In the Land of Castles
Sunday, March 23, 2008
The castle was small, crumbling, a ruin in every sense. But in the morning hours of an overcast April day in the south of France, it was all ours. The only sound was our own quick breaths as we ascended the footpath to Castle Aguilar. No voices, no ringing cellphones, no beeps of digital cameras. Just two people, off-hours, offseason, off the beaten path in a French fortification almost 1,000 years old.
Something happens in that hush. The weight of a place takes hold. The imagination takes off. Mine was flying as I rubbed the castle's thick, rough walls, picturing the times they had witnessed -- times of counts and courts, knights and damsels, inquisitors and dungeons, sackings and sieges. Had a wandering troubadour stood at this same spot, singing songs of unrequited love? What lords had sent armies over these walls to vanquish defenders? Had the boots of black-hearted Simon de Montfort, who reportedly stormed Aguilar in 1210, swept across the stones at my very feet?
I peered through the long, skinny archer's slots in Aguilar's semicircular guard towers, down to the rolling green plains patched with old vineyards below us. Wild thyme and rosemary edged into bloom at castle's edge. The stucco walls of the medieval village of Tuchan -- where we had happily dined the night before on robust blood sausage, coq au vin and aged chevre -- glowed rosy in filtered morning sun.
We had road-tripped our way into the heart of France's Languedoc-Roussillon region, the history-rich corner of France that reaches down to the foothills of the Pyrenees and on to the Spanish border. It embraces a pretty countryside called Cathar Country, a land of castles, cassoulet (the signature white-bean stew of southern France) and, once upon a bad time, Catholic Crusaders determined to wipe out "heretic" Cathars.

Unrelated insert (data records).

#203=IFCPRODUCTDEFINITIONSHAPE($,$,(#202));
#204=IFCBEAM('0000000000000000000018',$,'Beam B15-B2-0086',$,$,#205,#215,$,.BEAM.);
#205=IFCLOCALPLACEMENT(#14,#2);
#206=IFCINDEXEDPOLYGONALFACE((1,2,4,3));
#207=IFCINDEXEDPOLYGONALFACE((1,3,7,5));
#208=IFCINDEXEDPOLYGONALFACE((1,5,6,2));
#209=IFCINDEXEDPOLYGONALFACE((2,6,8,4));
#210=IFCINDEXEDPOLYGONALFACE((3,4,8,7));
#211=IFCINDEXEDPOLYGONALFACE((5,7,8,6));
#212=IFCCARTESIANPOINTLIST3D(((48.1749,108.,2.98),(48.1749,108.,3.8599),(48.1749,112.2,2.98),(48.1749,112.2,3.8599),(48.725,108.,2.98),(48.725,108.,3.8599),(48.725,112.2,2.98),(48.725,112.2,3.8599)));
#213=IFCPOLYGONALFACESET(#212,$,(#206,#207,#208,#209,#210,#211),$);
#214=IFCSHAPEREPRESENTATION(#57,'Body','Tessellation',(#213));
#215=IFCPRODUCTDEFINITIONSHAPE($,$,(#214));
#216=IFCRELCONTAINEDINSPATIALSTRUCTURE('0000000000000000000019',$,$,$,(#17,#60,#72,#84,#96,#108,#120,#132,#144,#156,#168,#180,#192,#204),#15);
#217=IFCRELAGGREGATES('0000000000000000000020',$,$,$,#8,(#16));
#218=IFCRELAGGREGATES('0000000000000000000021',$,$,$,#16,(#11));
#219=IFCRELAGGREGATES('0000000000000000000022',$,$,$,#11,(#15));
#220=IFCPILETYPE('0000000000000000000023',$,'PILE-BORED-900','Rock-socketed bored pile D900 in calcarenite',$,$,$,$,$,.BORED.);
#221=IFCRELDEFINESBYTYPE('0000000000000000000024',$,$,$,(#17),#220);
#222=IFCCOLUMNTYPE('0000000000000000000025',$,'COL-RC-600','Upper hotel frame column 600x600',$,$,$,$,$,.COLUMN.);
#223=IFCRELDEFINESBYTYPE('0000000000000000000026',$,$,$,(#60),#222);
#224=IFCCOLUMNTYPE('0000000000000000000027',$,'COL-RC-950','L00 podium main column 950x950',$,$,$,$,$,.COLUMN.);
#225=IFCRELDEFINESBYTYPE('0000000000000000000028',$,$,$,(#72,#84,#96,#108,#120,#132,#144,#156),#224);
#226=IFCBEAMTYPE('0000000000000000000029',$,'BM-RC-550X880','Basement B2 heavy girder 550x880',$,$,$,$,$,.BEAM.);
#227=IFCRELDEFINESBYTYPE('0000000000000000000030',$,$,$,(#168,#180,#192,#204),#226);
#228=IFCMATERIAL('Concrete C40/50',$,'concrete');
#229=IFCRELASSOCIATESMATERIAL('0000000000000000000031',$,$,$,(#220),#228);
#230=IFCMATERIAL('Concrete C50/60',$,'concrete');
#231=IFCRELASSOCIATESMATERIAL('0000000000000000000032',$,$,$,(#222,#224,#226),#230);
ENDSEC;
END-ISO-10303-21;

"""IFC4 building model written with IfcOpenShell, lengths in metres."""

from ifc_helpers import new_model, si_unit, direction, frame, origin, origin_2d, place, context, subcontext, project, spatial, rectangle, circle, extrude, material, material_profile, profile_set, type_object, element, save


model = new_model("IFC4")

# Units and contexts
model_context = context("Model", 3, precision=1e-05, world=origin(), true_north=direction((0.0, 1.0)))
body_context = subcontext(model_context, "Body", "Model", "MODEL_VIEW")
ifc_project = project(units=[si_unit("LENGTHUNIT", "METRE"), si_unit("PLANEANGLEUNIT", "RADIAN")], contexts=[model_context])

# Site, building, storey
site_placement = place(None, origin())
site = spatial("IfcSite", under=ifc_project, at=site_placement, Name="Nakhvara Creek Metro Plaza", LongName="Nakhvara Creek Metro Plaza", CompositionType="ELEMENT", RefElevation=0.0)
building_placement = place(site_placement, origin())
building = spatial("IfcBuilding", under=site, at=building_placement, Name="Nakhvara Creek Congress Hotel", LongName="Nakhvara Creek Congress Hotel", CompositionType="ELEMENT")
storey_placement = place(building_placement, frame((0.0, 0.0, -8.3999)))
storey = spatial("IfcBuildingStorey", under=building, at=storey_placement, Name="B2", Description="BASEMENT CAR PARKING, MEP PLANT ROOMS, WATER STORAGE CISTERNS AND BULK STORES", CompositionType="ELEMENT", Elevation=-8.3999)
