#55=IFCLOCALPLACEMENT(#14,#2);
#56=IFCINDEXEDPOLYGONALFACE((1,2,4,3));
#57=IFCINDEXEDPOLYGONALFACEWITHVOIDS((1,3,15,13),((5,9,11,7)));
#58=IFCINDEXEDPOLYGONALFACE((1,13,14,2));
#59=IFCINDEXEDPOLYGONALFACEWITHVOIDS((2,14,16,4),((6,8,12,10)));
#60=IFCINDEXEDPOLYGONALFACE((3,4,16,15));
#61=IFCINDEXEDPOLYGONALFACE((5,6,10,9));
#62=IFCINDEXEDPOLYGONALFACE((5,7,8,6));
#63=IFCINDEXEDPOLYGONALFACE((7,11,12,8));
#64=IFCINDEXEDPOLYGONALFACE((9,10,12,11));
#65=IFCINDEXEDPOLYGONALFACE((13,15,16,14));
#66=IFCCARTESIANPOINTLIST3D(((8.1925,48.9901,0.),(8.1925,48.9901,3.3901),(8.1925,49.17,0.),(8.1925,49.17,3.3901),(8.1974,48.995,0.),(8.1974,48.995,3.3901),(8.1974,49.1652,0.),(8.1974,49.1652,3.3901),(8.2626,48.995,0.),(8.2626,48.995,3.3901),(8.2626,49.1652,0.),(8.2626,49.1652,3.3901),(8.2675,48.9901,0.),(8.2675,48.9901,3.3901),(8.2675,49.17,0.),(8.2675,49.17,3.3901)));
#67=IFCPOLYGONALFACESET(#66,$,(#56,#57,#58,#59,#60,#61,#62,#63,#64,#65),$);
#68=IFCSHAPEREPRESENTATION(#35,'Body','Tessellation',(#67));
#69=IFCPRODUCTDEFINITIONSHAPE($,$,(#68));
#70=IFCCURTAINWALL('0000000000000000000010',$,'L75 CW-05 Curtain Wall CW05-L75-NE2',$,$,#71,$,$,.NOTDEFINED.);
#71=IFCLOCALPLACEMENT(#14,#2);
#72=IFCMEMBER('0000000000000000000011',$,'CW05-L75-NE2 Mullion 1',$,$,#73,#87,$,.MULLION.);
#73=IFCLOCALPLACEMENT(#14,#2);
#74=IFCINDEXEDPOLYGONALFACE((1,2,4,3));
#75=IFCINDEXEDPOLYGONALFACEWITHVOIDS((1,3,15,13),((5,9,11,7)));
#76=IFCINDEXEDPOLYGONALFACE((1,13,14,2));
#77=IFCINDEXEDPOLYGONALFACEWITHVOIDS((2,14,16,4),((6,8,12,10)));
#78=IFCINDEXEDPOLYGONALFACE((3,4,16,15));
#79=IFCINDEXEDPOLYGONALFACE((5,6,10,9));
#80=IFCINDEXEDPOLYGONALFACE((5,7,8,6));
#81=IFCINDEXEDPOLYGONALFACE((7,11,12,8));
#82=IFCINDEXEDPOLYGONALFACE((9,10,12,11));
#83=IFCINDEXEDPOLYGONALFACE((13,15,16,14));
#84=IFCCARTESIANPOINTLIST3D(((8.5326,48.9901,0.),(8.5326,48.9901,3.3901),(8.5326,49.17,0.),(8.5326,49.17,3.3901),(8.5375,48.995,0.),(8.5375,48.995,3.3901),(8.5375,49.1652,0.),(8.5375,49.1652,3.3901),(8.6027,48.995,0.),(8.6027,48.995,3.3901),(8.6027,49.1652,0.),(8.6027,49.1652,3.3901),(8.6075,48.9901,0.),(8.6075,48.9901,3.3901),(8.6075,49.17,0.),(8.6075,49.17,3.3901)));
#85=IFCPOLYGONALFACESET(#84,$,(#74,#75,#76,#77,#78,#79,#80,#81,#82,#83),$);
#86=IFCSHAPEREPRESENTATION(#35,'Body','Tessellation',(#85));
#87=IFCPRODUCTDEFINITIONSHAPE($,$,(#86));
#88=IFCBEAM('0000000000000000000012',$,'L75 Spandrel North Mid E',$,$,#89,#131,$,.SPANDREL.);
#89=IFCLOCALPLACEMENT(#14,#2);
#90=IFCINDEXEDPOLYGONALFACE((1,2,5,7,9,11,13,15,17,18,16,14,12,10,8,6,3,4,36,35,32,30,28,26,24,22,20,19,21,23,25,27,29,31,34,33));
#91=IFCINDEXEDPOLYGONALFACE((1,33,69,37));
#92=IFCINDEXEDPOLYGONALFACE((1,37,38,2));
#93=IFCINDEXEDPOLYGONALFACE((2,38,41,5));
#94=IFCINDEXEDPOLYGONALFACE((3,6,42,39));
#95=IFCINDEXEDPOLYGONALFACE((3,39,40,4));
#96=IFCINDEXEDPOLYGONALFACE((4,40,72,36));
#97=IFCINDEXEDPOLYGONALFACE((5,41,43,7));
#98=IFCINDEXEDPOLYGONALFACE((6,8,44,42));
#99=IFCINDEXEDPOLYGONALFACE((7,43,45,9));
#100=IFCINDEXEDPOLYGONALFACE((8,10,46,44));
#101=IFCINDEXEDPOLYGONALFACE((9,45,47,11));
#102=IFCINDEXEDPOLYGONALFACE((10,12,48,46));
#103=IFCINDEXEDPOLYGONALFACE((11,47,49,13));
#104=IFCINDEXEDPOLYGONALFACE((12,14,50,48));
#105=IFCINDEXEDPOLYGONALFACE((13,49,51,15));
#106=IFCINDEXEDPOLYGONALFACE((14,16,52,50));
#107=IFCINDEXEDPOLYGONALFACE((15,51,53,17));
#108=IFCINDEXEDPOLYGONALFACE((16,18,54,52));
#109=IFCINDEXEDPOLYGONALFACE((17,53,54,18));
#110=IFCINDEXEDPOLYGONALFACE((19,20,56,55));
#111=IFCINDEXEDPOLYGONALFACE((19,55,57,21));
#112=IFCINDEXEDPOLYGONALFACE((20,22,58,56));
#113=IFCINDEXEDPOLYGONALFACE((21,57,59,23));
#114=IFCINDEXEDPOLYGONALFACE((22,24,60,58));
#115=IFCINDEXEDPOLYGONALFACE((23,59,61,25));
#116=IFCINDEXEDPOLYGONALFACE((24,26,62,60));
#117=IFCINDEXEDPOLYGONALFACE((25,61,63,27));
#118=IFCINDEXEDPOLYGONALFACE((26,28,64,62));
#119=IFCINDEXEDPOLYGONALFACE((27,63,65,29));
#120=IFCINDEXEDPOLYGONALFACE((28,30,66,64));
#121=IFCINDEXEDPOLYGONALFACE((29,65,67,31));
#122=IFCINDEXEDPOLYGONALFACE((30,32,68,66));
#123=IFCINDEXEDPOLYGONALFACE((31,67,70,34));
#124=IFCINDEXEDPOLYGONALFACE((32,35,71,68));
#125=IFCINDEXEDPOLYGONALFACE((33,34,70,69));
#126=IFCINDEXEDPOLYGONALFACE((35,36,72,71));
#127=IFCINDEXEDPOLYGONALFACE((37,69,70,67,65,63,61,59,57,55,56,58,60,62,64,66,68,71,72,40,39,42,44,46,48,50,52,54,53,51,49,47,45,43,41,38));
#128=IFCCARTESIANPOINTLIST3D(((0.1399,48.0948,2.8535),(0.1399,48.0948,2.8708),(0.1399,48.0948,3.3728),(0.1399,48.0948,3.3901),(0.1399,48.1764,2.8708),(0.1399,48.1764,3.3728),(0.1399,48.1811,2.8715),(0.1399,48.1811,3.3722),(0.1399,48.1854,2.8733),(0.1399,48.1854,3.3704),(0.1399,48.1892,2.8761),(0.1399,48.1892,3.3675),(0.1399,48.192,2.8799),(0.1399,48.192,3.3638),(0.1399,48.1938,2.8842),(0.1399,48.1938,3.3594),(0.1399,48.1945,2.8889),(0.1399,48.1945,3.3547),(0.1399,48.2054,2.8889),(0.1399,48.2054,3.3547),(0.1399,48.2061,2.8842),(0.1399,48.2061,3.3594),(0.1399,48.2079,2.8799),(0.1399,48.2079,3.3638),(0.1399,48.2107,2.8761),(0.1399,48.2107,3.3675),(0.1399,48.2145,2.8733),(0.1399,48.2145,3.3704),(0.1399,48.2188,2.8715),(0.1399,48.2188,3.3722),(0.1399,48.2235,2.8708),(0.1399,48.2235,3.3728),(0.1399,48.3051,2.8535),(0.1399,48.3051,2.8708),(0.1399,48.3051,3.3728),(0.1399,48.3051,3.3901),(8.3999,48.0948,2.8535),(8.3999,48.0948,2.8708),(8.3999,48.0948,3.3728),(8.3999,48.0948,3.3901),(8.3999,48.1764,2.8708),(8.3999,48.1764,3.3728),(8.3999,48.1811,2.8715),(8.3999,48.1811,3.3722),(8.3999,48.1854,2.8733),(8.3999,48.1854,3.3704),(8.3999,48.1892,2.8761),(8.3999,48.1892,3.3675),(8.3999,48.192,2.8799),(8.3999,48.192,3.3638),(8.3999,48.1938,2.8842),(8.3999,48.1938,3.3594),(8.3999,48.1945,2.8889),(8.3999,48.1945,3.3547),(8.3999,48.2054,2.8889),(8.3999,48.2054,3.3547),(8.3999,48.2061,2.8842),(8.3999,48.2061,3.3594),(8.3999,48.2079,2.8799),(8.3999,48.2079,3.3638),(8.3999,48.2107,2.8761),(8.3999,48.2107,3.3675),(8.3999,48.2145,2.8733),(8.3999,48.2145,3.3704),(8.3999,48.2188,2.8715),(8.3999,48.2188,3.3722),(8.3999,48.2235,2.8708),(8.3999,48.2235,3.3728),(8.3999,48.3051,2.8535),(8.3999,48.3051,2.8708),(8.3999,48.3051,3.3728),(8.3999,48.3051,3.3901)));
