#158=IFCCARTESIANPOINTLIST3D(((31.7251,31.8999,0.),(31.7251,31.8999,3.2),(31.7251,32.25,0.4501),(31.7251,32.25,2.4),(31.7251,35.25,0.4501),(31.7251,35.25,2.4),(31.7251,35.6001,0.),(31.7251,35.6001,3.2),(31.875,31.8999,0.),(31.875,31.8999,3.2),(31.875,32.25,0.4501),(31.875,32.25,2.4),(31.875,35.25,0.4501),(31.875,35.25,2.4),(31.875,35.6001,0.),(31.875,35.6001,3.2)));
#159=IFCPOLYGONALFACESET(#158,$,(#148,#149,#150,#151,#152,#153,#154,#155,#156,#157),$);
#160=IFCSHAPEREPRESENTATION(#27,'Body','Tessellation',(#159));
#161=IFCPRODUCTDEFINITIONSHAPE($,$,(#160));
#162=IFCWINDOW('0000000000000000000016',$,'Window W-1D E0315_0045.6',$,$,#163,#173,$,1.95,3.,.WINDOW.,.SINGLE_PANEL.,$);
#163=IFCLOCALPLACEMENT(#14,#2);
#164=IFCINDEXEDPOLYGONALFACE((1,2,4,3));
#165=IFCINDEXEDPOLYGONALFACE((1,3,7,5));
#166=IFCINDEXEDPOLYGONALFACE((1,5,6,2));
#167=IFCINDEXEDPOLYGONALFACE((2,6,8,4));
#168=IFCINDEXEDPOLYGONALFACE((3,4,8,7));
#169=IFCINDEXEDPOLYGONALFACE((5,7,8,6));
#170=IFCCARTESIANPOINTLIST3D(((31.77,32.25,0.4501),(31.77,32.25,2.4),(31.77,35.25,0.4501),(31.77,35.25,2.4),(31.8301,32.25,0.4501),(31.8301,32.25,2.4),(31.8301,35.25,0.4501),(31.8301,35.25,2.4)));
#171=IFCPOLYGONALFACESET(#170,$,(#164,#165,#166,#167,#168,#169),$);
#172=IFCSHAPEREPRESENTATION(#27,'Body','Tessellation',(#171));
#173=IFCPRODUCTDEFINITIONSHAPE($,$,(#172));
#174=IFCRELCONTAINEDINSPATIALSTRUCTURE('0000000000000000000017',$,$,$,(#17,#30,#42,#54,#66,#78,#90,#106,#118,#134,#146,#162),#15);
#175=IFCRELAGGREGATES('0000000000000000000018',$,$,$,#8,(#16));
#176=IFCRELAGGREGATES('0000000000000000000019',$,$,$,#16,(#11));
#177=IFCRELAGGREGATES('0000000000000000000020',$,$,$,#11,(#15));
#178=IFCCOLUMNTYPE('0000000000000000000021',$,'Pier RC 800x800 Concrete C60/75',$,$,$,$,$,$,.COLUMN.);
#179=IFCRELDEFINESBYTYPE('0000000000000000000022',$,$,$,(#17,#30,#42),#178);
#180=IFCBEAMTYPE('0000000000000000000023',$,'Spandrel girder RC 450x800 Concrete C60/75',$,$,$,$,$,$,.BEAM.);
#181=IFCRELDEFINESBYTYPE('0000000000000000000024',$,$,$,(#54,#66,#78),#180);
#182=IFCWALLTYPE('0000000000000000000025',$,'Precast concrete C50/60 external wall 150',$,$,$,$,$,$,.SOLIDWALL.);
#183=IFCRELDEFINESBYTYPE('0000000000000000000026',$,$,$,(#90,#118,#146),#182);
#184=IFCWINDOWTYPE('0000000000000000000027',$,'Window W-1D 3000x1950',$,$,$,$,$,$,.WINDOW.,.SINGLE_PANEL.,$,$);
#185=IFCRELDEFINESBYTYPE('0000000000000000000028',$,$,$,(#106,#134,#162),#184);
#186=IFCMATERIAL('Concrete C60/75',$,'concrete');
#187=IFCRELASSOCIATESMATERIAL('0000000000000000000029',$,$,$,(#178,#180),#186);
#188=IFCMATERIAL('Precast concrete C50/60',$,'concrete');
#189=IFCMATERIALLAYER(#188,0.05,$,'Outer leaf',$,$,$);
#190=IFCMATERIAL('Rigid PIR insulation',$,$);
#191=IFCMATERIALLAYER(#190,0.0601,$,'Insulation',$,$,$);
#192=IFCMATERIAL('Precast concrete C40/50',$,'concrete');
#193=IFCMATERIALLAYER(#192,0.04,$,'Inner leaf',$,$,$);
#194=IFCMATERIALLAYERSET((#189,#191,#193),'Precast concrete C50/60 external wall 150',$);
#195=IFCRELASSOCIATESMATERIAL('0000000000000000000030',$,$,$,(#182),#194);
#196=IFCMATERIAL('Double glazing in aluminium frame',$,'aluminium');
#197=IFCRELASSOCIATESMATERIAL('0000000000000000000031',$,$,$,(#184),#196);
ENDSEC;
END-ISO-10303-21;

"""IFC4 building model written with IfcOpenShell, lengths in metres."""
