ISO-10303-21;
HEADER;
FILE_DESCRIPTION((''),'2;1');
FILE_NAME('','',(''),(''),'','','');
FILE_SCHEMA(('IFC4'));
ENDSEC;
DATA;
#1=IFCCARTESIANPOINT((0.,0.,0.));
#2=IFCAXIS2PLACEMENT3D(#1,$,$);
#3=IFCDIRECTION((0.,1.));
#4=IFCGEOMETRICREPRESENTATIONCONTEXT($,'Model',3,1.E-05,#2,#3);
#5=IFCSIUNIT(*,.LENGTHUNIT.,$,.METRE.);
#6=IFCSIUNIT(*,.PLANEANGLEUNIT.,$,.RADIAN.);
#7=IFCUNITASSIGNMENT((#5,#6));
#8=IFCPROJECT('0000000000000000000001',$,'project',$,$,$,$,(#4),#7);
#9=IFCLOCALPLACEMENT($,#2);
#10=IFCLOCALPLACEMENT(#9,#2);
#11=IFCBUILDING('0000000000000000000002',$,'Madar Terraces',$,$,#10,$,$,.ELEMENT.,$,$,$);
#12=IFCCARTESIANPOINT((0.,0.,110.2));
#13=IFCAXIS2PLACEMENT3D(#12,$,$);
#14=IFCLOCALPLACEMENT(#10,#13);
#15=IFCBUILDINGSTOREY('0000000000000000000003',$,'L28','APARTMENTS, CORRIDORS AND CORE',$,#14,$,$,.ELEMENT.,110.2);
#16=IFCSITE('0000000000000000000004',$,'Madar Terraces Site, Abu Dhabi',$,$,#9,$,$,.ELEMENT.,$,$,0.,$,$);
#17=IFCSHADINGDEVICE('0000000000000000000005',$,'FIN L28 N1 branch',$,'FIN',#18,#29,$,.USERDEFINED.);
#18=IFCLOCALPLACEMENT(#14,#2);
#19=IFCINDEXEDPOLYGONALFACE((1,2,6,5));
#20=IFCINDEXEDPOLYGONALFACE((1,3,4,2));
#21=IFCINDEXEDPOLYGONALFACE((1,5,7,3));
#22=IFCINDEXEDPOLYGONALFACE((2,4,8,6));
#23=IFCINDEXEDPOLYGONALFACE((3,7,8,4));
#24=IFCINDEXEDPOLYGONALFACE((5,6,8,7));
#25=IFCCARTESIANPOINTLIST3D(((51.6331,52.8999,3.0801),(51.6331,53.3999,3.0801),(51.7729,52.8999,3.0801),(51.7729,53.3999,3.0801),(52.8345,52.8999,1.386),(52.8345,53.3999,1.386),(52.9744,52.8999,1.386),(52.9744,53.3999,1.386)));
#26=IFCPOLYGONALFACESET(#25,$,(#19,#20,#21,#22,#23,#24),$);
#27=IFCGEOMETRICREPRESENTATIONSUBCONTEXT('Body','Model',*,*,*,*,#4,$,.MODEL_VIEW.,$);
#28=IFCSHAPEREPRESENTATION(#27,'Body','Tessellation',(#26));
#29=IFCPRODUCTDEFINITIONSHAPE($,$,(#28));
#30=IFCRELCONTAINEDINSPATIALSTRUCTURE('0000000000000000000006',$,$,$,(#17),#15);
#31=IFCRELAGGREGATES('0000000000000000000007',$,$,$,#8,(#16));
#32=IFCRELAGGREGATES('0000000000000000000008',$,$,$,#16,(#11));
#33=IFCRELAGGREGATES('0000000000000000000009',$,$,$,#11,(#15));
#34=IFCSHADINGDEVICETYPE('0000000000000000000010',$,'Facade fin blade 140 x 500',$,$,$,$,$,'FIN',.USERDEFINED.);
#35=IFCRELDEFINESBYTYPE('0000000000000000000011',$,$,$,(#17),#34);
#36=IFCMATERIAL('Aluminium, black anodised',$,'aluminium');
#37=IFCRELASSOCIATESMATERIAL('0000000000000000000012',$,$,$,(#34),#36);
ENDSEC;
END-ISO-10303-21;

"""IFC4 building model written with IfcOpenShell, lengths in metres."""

from ifc_helpers import new_model, si_unit, direction, frame, origin, place, context, subcontext, project, spatial, polyline, outline, extrude, material, type_object, element, save


model = new_model("IFC4")

# Units and contexts
model_context = context("Model", 3, precision=1e-05, world=origin(), true_north=direction((0.0, 1.0)))
body_context = subcontext(model_context, "Body", "Model", "MODEL_VIEW")
ifc_project = project(units=[si_unit("LENGTHUNIT", "METRE"), si_unit("PLANEANGLEUNIT", "RADIAN")], contexts=[model_context])

# Site, building, storey
site_placement = place(None, origin())
site = spatial("IfcSite", under=ifc_project, at=site_placement, Name="Madar Terraces Site, Abu Dhabi", CompositionType="ELEMENT", RefElevation=0.0)
building_placement = place(site_placement, origin())
building = spatial("IfcBuilding", under=site, at=building_placement, Name="Madar Terraces", CompositionType="ELEMENT")
storey_placement = place(building_placement, frame((0.0, 0.0, 110.2)))
storey = spatial("IfcBuildingStorey", under=building, at=storey_placement, Name="L28", Description="APARTMENTS, CORRIDORS AND CORE", CompositionType="ELEMENT", Elevation=110.2)

# Shading device
ifc_material_1 = material(Name="Aluminium, black anodised", Category="aluminium")
shading_device_type = type_object("IfcShadingDeviceType", Name="Facade fin blade 140 x 500", ElementType="FIN", PredefinedType="USERDEFINED", material=ifc_material_1)
shading_device_placement = place(storey_placement, frame((52.9744, 53.1499, 1.386), z_axis=(0.0, 0.0, 1.0), x_axis=(-1.0, 0.0, 0.0)))
element("IfcShadingDevice", 1, at=shading_device_placement, inside=storey, type_object=shading_device_type, Name="FIN L28 N1 branch", ObjectType="FIN", PredefinedType="USERDEFINED", context=body_context, shape_type="SweptSolid", body=[
    extrude(outline(polyline([(0.0, 0.0), (0.1399, 0.0), (1.3413, 1.6941), (1.2014, 1.6941), (0.0, 0.0)])), frame((0.0, 0.25, 0.0), z_axis=(0.0, -1.0, 0.0), x_axis=(1.0, 0.0, 0.0)), (0.0, 0.0, 1.0), 0.5),
])

save(model, "model.ifc")
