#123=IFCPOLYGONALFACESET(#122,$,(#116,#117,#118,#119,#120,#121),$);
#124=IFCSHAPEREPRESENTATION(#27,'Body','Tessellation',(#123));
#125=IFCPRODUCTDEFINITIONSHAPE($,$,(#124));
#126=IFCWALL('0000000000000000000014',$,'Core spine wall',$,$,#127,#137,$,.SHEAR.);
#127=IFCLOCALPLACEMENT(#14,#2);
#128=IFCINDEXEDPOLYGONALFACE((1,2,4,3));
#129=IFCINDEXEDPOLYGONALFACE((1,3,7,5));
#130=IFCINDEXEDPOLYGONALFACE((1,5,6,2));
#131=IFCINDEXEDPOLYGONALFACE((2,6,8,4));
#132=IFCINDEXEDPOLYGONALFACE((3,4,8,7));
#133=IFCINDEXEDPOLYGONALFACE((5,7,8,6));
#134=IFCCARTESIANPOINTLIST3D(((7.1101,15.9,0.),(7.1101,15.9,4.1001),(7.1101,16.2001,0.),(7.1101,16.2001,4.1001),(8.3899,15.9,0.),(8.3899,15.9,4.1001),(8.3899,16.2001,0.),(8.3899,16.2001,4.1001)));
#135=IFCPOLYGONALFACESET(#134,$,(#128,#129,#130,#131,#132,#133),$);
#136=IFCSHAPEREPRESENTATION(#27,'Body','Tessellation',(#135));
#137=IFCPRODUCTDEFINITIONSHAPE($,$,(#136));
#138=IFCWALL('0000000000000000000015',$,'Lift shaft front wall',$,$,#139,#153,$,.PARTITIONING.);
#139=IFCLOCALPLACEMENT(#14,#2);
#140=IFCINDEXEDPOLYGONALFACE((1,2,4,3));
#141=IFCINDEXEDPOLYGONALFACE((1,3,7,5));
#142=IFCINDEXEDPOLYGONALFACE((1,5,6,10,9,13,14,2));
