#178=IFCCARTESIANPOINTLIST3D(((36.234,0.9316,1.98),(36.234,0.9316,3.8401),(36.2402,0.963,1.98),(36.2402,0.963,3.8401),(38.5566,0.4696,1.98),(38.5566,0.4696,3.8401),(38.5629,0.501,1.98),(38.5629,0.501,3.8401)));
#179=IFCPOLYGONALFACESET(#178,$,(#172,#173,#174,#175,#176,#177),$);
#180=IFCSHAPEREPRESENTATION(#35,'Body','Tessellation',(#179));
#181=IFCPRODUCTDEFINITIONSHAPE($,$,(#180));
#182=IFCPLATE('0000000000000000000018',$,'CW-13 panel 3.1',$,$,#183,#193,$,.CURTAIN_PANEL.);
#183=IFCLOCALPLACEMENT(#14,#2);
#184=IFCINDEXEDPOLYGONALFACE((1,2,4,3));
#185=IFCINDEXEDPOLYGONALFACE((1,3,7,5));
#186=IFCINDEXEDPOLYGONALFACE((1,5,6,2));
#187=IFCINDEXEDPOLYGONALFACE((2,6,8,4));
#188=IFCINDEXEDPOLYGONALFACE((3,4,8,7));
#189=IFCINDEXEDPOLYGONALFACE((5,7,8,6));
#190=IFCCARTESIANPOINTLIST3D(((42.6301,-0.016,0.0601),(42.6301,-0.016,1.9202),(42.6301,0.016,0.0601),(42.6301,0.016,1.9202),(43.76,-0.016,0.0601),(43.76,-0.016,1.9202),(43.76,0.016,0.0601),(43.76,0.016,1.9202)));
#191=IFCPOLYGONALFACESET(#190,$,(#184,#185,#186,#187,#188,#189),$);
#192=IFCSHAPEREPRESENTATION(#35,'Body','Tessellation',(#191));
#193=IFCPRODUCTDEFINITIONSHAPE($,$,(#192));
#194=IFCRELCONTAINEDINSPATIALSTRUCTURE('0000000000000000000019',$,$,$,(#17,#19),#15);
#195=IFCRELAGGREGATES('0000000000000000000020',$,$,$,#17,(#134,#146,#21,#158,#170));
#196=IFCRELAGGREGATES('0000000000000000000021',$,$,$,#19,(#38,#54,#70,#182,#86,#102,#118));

The Cathars were followers of an anti-materialistic Christian sect that shunned meat and held some radical ideas about the abuse of religious power by the church. They believed evil forces ruled life on Earth, a belief surely reinforced as the zealous Montfort and his Crusaders gouged out their countrymen's eyes, mutilated their bodies, slaughtered their infants and threw their elders on burning pyres.
Intolerance, this Cathar Country will remind you time and again, is a beast of insatiable appetite.
The Local Flavors
We'd scheduled our visit in mid-April, knowing the weather might be chilly, the skies might weep, and tourist events might still be in winter shutdown. It was a good trade-off. No queues, no rush through antiquities, no press of crowd and no tail-riding Renaults on narrow, winding roads.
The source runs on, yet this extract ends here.